Normally, non-REM sleep takes up 75% of the total sleep time. It is divided into three stages, which scientists designate as N1, N2, N3.

N1 (light sleep) is a transitional stage between falling asleep and waking. During this phase of non-REM sleep, phenomena such as hypnagogic jerk (feeling of falling and startling when falling asleep), visual, auditory and tactile hallucinations, sleep paralysis, sleepwalking, sleep-talking can occur.

N2 - body temperature drops, muscles relax, a person completely disconnects from reality. Normally, N2 slow-wave sleep takes up half the time of all sleep and occurs in segments of about 20 minutes.

N3 is a deep sleep during which blood pressure decreases and breathing becomes rare. At this stage, body tissues are restored, hormones are produced and metabolites are excreted. The brain, meanwhile, is engaged in "archiving" memories of events, moving them from short-term memory to long-term memory.

How to increase non-REM sleep

With a lack of non-REM sleep, the body's resistance decreases, immunity decreases and brain activity slows down. It is more difficult for you to concentrate even on familiar tasks, lethargy and anxiety appear. There may be malfunctions in the endocrine system and hormone production. A reduced phase of non-REM sleep also increases the risk of Alzheimer's disease, heart and vascular diseases. Obviously, in order to maintain health, it is necessary to maintain the normal duration of this sleep phase. To increase the duration of non-REM sleep, it is important to follow a few rules.

  1. Scheduled sleep. Take care of your routine. Getting up and going to bed at the same time is definitely a healthy habit.
  2. Movement is life. During the day (just not before bedtime!) Move more. So the brain cells will receive more oxygen, and this will help to establish biological rhythms.
  3. Neither cold nor hot. Ensure that the temperature in the room is comfortable for sleeping. Ventilate the room regularly.
  4. Put the phone down. Gadgets have a bad effect on the quality of sleep. An hour and a half before leaving for Morpheus, put your smartphone away, do not watch TV and do not use a computer.

What is the difference between REM sleep and slow-wave sleep

The main difference between the phases of slow-wave and REM sleep of a person from each other is the difference in brain activity, which is vividly illustrated by the EEG. REM sleep is characterized by frequent eye movements, and during non-REM sleep they are practically absent. The dreams we have during REM sleep are more likely to be remembered, although studies have shown that dreams occur during both phases.
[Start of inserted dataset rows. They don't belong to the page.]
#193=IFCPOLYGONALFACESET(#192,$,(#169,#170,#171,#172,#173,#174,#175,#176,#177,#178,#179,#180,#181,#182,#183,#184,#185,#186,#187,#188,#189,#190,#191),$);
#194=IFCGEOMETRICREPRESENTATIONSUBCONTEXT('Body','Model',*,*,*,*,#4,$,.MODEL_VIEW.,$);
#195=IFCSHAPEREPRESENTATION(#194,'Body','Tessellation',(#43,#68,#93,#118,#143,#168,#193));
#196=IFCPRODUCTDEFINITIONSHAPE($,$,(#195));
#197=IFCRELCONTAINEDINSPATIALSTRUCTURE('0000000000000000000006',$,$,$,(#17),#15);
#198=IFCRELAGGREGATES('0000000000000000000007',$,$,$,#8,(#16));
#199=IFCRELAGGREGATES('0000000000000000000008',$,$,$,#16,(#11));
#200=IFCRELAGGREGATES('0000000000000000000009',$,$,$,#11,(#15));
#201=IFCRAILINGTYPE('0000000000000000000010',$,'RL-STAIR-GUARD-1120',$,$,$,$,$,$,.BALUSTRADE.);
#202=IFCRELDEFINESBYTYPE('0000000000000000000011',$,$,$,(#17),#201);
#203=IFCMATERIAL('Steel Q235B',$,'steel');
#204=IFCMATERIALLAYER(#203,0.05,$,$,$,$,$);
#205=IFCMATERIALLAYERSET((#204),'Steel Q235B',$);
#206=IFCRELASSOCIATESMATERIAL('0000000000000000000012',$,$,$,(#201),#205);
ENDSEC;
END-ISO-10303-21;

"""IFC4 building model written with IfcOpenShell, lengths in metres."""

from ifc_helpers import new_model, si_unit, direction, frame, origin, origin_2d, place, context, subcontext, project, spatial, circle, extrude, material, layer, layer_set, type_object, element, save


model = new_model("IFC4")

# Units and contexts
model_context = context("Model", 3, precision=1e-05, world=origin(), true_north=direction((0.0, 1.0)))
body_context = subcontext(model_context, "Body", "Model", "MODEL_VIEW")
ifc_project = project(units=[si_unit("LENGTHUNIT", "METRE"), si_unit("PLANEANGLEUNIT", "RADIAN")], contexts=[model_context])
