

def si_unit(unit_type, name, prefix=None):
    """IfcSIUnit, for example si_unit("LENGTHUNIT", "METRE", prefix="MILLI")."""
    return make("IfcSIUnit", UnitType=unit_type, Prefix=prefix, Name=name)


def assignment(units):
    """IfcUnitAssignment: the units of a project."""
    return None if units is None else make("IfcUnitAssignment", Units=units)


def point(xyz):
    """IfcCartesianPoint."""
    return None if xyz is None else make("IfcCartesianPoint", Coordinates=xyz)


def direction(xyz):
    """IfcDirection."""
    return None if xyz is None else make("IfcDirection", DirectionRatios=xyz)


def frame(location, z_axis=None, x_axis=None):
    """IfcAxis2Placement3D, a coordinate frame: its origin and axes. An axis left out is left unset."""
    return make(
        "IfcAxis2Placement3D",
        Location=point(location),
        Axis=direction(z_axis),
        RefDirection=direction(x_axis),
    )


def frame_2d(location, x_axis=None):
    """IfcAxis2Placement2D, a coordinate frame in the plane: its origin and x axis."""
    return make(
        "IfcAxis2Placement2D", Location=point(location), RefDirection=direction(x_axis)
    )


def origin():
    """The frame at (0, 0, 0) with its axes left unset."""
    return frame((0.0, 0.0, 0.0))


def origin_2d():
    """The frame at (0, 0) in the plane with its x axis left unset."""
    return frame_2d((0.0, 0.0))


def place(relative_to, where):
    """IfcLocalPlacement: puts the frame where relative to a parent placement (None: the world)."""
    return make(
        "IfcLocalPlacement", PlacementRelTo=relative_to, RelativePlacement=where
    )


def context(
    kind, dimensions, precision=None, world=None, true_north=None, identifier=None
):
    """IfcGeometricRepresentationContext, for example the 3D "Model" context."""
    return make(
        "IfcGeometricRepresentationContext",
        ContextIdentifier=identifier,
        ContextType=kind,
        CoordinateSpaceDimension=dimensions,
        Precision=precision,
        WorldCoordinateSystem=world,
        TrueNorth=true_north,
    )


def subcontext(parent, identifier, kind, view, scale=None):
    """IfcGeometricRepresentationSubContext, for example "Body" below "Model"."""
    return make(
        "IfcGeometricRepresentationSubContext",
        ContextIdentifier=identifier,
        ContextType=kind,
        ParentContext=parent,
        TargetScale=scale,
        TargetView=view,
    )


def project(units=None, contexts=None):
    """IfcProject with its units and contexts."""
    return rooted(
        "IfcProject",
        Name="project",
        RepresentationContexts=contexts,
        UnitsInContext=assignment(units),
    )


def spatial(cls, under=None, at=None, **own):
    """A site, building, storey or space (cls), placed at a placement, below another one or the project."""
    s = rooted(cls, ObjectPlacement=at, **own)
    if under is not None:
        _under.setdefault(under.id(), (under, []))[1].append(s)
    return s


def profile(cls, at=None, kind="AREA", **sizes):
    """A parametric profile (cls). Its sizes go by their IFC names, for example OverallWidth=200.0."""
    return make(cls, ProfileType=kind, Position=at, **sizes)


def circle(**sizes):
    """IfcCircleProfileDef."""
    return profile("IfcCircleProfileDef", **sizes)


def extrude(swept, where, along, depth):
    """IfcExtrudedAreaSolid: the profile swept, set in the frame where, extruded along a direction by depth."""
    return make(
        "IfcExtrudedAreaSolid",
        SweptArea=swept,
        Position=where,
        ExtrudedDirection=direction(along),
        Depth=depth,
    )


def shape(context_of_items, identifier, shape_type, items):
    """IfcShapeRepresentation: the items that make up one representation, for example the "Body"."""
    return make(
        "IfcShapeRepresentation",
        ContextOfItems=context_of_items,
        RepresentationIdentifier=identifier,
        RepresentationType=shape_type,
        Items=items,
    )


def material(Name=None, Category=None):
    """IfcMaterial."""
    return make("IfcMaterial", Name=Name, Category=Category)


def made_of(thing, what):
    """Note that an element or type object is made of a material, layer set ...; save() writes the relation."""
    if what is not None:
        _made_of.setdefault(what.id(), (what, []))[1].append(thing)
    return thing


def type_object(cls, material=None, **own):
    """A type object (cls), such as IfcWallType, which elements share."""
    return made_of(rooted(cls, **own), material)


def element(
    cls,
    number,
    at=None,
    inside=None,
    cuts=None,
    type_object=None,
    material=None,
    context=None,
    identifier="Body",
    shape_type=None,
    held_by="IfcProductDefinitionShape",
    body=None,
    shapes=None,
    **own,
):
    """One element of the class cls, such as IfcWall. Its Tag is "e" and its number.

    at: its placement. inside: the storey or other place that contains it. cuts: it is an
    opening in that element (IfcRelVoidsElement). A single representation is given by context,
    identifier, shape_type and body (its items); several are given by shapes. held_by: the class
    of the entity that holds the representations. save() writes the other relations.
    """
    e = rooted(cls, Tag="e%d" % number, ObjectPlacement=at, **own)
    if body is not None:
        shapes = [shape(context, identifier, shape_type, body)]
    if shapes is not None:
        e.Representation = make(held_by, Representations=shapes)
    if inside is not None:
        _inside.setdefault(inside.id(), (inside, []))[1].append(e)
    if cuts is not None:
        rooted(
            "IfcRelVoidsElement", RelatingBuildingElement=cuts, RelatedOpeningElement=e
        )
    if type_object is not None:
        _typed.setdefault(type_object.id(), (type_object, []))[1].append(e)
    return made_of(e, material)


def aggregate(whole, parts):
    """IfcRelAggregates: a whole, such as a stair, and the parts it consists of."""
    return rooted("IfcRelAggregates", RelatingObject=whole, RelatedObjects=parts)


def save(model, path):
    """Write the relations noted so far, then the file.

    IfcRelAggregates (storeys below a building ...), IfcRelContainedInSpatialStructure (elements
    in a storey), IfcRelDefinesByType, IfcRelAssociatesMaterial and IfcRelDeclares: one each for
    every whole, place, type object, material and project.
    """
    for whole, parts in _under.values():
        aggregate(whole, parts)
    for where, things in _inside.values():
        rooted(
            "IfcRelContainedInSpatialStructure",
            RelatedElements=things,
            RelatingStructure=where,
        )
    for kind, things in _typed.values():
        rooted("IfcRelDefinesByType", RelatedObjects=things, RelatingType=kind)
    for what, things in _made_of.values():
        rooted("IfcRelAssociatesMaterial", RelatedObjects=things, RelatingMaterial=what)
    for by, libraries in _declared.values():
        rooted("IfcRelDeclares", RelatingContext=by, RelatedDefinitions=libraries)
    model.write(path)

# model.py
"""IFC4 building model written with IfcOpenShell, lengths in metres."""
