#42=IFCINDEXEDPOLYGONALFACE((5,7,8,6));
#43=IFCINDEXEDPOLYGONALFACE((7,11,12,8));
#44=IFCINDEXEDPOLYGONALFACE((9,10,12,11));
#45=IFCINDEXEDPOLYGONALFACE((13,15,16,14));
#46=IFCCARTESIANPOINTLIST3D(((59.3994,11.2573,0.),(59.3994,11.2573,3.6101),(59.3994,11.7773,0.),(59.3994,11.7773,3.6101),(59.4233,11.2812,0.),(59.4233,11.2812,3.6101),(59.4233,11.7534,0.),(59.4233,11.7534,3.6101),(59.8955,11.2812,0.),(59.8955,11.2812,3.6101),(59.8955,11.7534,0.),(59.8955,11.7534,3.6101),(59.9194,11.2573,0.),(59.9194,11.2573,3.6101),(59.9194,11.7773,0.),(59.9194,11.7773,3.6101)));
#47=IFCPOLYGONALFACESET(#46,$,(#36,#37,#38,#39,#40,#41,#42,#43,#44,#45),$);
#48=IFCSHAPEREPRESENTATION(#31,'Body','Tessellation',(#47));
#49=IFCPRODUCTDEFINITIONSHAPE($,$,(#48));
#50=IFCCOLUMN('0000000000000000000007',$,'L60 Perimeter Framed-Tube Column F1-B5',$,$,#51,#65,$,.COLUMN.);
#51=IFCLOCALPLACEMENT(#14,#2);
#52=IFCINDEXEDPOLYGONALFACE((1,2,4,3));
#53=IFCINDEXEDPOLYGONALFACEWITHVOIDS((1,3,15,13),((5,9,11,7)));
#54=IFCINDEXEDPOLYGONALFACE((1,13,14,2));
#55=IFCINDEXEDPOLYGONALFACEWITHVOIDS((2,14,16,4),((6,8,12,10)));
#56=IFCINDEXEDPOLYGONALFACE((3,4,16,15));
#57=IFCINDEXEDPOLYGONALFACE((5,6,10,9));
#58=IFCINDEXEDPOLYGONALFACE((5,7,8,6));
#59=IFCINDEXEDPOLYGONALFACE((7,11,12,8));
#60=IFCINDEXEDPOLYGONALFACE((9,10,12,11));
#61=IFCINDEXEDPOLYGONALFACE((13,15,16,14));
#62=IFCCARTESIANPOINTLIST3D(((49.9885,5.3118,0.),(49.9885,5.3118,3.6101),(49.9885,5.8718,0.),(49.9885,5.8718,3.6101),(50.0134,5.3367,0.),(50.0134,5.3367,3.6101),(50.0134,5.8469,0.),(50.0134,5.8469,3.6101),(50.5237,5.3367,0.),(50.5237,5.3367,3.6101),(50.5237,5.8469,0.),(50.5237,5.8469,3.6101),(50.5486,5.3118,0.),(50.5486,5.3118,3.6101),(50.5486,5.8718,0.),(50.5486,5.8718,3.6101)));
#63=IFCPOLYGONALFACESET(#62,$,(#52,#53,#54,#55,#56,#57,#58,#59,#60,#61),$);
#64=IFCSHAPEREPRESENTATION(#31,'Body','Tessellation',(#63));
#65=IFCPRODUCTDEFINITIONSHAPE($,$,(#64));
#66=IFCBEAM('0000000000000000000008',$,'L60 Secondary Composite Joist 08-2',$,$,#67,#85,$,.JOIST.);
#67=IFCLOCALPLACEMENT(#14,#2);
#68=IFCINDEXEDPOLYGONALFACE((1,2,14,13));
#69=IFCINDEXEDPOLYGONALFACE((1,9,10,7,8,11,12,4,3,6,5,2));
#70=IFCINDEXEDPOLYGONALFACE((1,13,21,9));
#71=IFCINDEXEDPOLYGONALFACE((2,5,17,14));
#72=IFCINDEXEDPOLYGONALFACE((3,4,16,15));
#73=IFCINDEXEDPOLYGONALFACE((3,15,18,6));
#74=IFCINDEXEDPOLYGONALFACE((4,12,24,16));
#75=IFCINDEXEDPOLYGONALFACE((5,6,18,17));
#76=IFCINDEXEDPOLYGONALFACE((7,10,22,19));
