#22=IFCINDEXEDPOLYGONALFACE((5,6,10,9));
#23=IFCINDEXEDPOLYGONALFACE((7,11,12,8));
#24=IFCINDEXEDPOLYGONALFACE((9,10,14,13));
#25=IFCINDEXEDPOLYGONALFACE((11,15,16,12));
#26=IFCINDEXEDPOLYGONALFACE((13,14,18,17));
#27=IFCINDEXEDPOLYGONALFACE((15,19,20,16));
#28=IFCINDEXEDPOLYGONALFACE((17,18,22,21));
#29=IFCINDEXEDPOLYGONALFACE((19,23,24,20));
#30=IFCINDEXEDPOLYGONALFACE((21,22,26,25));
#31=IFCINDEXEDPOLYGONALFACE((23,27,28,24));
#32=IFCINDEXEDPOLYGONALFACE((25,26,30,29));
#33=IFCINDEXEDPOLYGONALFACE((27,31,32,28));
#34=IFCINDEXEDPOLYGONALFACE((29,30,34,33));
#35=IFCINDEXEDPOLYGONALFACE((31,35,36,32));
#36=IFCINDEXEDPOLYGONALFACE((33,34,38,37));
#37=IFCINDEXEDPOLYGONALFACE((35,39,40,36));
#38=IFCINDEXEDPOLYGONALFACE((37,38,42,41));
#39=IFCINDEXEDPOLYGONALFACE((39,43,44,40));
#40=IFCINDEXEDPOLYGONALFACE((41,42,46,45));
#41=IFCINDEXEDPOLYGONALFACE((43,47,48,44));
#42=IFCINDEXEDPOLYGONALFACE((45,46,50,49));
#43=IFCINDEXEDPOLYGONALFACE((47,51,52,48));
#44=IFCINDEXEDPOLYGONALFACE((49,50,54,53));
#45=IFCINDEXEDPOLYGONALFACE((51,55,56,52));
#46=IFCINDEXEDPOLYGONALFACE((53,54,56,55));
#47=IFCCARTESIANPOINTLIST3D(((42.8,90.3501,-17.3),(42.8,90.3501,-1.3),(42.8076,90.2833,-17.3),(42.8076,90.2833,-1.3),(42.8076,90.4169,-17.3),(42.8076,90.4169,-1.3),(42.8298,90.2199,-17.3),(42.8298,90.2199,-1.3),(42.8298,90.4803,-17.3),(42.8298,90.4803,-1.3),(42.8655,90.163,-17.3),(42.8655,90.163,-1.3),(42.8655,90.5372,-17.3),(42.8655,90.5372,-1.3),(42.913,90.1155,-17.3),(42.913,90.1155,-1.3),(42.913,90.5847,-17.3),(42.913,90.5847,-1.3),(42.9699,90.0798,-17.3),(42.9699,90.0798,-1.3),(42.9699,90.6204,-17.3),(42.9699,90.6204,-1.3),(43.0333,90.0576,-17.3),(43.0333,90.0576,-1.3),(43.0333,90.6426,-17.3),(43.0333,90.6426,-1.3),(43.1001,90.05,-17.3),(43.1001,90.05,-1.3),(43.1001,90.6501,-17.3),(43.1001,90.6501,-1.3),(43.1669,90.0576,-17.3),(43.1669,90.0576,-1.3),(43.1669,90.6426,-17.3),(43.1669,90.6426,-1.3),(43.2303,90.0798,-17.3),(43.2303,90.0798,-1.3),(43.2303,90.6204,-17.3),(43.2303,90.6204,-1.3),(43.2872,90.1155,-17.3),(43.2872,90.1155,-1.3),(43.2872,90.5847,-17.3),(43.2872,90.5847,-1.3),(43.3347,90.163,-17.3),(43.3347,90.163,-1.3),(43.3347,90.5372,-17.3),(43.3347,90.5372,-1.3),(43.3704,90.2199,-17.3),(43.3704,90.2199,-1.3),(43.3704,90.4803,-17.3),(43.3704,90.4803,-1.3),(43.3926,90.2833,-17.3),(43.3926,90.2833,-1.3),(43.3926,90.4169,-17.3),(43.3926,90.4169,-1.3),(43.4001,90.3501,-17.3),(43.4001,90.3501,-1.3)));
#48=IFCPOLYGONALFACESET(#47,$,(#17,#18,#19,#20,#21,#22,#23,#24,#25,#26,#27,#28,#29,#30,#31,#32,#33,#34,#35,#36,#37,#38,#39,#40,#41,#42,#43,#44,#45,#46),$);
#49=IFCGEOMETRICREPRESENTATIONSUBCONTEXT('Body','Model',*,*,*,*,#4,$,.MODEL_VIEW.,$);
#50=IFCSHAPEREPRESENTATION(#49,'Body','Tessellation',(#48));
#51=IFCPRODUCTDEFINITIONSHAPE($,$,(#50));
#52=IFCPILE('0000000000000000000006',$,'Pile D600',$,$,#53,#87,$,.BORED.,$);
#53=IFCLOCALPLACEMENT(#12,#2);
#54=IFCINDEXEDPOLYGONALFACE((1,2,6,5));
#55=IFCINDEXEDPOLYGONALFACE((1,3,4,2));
Why slow-wave sleep is better than fast sleep

Both slow-wave and REM sleep are important for the normal functioning of body systems. It is believed that the phase of non-REM sleep is more significant for recovery. By waking up a person at this time, we will deprive his brain of the opportunity to "reboot". In addition to the general poor state of health of the sleepy, impaired concentration, increased nervousness, lethargy, apathy, and irritability await. And if such deprivation of slow-wave sleep occurs regularly, there are high chances of encountering serious mental disorders. It is better to wake up in REM sleep. By the way, numerous applications for gadgets can help with this.

However, one should not think that REM sleep is useless and can be sacrificed without consequences. This phase prepares all body systems for awakening and includes the connection between the physiological processes in the brain and consciousness.

Slow-wave and REM sleep: the norm

For an average person, the norm of slow-wave sleep is 70%, and REM, respectively, 30% of the total night's rest. The total duration of sleep sufficient for recovery is 7-9hours per day.

NREM sleep should normally last about 90 minutes. It is followed by a phase of REM sleep lasting 10-20 minutes. These two stages together form a cycle that a healthy person usually repeats 5 times a night. The phases of non-REM and REM sleep are unevenly distributed. So, for the first time after falling asleep, the REM sleep phase lasts about 5 minutes, and closer to awakening, its duration reaches 60 minutes.